Thinking about fairies caused her to glance quickly at the woods crowding the hills, but no, they didn’t hold the same curiosity somehow, the fairies didn’t, not after meeting the stranger with the scarred face who looked more odd than any fairy she could imagine—except for size. Fairies were no bigger than your little finger, except for banshees who were supposed to be the size of women.

Pick a healthy stride, her father had said more than once as she trekked behind him down at Chouse, and lean into it like you might a good wind; that way you covers a fair distance without getting winded from all them baby steps and meandering about. And keep to the small rocks, not the big ones, when you’re walking on the beach, so’s you won’t roll on one and twist your ankle.

She was walking close on half an hour, she figured, when the wind hit. Riding a dark blue on the face of the sea, it curled the waves forward, raising dust and twigs and anything else of like that was strewn around the beach, and tumbling it along as easy as it might a ball of duck’s down. Pulling on her jacket, she quickly buttoned it, abandoning the pebbly shoreline for the larger, more cumbersome rocks nearer the woods, and seeking what shelter the trees might afford from the wind. A bit of ground patched with grass extended along the treeline, making for a sort of path, allowing her to steer clear of the cumbersome larger rocks and keep the healthy stride she had started out with. And despite the sudden chill, the wind was more help than hindrance as it lifted her step, buoying her along. Surely she would be there more quickly than the hour and a half she had allotted, and won’t Aunt Missy be happy, she thought, when she looks up and sees her coming. And her mother too, when she got home and found her missing, and they all come looking for her and found her walking down the shore with Missy leaning on her—for that would be the best thing—for Missy to come down to Rocky Head, finally, and sit with her mother, and meet her father and brother and Grammy Prude. Course, it would be hard for Missy to walk with a broken leg, but they’d manage somehow, for the first part of the walk anyway, till she got tired; but by then, her mother would have seen them from the boat, because she would sure to be in the boat watching the shoreline as some of the uncles walked. And then they’d all climb aboard the boat and her father would carry Missy into the house, because her father was strong and it would be easy for him to carry Missy; she’d seen him carry her mother up over the stairs more than once when he’d been teasing her and she was trying her best to feed Brother or do some housework and he was wont to leave her alone. She smiled, thinking back on her mother and her father. It was always hard to tell if they were playing at first, because her mother would never smile or act silly like her father, and she’d always try to get around him whenever he blocked her way coming out of her room, or down the stairs, or in the kitchen, even; but she had learned that her mother seldom smiled anyway, and when she was having none of her father’s silly ways, she had her own means of jousting him out of the house.
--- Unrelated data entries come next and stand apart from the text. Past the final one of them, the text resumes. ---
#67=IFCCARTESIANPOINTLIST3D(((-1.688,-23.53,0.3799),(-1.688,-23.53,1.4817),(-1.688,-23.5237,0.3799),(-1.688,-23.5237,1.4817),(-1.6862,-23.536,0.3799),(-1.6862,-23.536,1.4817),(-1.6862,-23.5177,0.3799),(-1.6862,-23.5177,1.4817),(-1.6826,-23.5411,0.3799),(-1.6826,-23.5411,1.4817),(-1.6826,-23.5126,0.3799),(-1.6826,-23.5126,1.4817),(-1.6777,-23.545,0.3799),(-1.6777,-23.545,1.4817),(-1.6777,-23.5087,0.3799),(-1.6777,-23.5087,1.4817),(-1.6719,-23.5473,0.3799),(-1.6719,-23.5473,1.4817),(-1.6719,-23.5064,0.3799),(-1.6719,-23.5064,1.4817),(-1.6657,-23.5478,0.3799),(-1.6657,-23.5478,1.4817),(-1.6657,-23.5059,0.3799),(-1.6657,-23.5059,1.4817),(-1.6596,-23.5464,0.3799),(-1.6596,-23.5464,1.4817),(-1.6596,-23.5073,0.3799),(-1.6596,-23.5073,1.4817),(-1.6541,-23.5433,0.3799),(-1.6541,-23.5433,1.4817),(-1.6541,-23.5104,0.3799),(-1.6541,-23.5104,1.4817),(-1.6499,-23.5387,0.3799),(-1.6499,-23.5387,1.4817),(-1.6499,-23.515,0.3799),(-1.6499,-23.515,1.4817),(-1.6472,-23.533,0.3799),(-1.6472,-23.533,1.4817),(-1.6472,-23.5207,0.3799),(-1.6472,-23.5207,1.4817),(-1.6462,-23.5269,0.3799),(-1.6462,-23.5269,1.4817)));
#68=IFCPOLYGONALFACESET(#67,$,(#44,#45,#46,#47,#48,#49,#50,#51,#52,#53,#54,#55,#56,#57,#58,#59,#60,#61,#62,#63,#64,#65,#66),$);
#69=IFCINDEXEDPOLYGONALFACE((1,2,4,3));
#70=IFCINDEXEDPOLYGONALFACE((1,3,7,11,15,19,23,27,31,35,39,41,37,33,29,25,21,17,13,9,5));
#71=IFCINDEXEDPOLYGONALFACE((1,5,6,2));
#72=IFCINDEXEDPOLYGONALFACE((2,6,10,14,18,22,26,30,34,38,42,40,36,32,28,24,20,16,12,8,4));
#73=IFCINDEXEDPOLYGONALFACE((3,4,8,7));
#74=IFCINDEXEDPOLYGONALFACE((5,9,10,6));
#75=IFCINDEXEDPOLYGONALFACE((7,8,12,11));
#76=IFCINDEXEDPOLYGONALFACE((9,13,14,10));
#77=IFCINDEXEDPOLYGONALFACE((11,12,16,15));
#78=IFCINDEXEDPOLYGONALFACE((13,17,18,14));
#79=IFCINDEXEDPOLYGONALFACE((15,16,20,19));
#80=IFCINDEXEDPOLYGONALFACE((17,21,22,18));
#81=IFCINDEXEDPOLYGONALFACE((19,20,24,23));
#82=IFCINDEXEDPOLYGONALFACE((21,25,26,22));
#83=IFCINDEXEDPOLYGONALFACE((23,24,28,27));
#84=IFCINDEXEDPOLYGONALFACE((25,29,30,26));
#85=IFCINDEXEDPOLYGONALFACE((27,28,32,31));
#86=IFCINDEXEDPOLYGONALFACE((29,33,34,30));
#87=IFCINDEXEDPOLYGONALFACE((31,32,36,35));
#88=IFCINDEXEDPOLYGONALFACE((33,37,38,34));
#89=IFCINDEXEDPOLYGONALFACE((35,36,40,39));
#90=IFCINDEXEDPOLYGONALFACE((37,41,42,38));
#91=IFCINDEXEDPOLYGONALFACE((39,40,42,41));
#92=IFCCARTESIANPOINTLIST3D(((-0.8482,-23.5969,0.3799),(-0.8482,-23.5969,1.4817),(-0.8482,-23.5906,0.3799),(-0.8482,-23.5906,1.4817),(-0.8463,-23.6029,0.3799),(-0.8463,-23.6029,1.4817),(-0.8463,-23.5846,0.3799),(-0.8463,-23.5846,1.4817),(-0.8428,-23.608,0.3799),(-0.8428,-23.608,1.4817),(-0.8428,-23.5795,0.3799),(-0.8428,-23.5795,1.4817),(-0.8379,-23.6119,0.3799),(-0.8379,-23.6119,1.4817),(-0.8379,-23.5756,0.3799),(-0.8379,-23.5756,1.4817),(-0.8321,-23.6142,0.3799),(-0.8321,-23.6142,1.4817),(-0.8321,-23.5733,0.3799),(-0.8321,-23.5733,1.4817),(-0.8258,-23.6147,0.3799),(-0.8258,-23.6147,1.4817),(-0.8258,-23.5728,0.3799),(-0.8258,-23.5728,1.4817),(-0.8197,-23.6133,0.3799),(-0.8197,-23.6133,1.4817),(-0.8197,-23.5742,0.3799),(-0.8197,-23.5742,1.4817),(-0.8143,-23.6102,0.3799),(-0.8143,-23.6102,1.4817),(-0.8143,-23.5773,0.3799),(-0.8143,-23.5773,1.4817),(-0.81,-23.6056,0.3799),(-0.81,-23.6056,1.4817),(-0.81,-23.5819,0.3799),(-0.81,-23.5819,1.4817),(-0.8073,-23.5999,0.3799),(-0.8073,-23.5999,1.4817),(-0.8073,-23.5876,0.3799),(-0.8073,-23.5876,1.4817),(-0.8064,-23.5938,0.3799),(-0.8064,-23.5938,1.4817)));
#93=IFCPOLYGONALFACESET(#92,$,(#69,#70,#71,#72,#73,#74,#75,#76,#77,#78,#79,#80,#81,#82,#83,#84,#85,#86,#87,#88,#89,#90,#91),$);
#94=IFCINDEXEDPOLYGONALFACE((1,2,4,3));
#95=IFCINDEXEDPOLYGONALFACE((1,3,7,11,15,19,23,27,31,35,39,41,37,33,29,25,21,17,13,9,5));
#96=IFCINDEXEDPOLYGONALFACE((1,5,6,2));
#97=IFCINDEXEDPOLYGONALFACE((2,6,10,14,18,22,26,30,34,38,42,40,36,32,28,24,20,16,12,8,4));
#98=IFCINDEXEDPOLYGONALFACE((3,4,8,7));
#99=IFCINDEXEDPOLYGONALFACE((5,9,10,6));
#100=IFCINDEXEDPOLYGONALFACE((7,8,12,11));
She had travelled perhaps another twenty minutes when her step began to lag. Stopping for a breather, she looked back to see how far she had come and was startled to recognize nothing behind her—even the brooks had fallen behind a point of land. How dreary everything now looked with the fog drifting in over the water, gathering the grey of the evening into its folds as it banked the sun, swiping the colour from the land around her. Well, she’d tramped around in overcast skies before, and looking up towards the Basin was heartened to see a few dots of light, like far-off stars, twinkling. Another ten minutes or so and the lay of the land would conceal those twinkling lights from the Basin, but the fogbank beat even that, and within minutes, the little lights vanished in shrouds of grey, along with the path before her. But it was more over the water the fog hung, and she was still able to see a good distance ahead and behind her.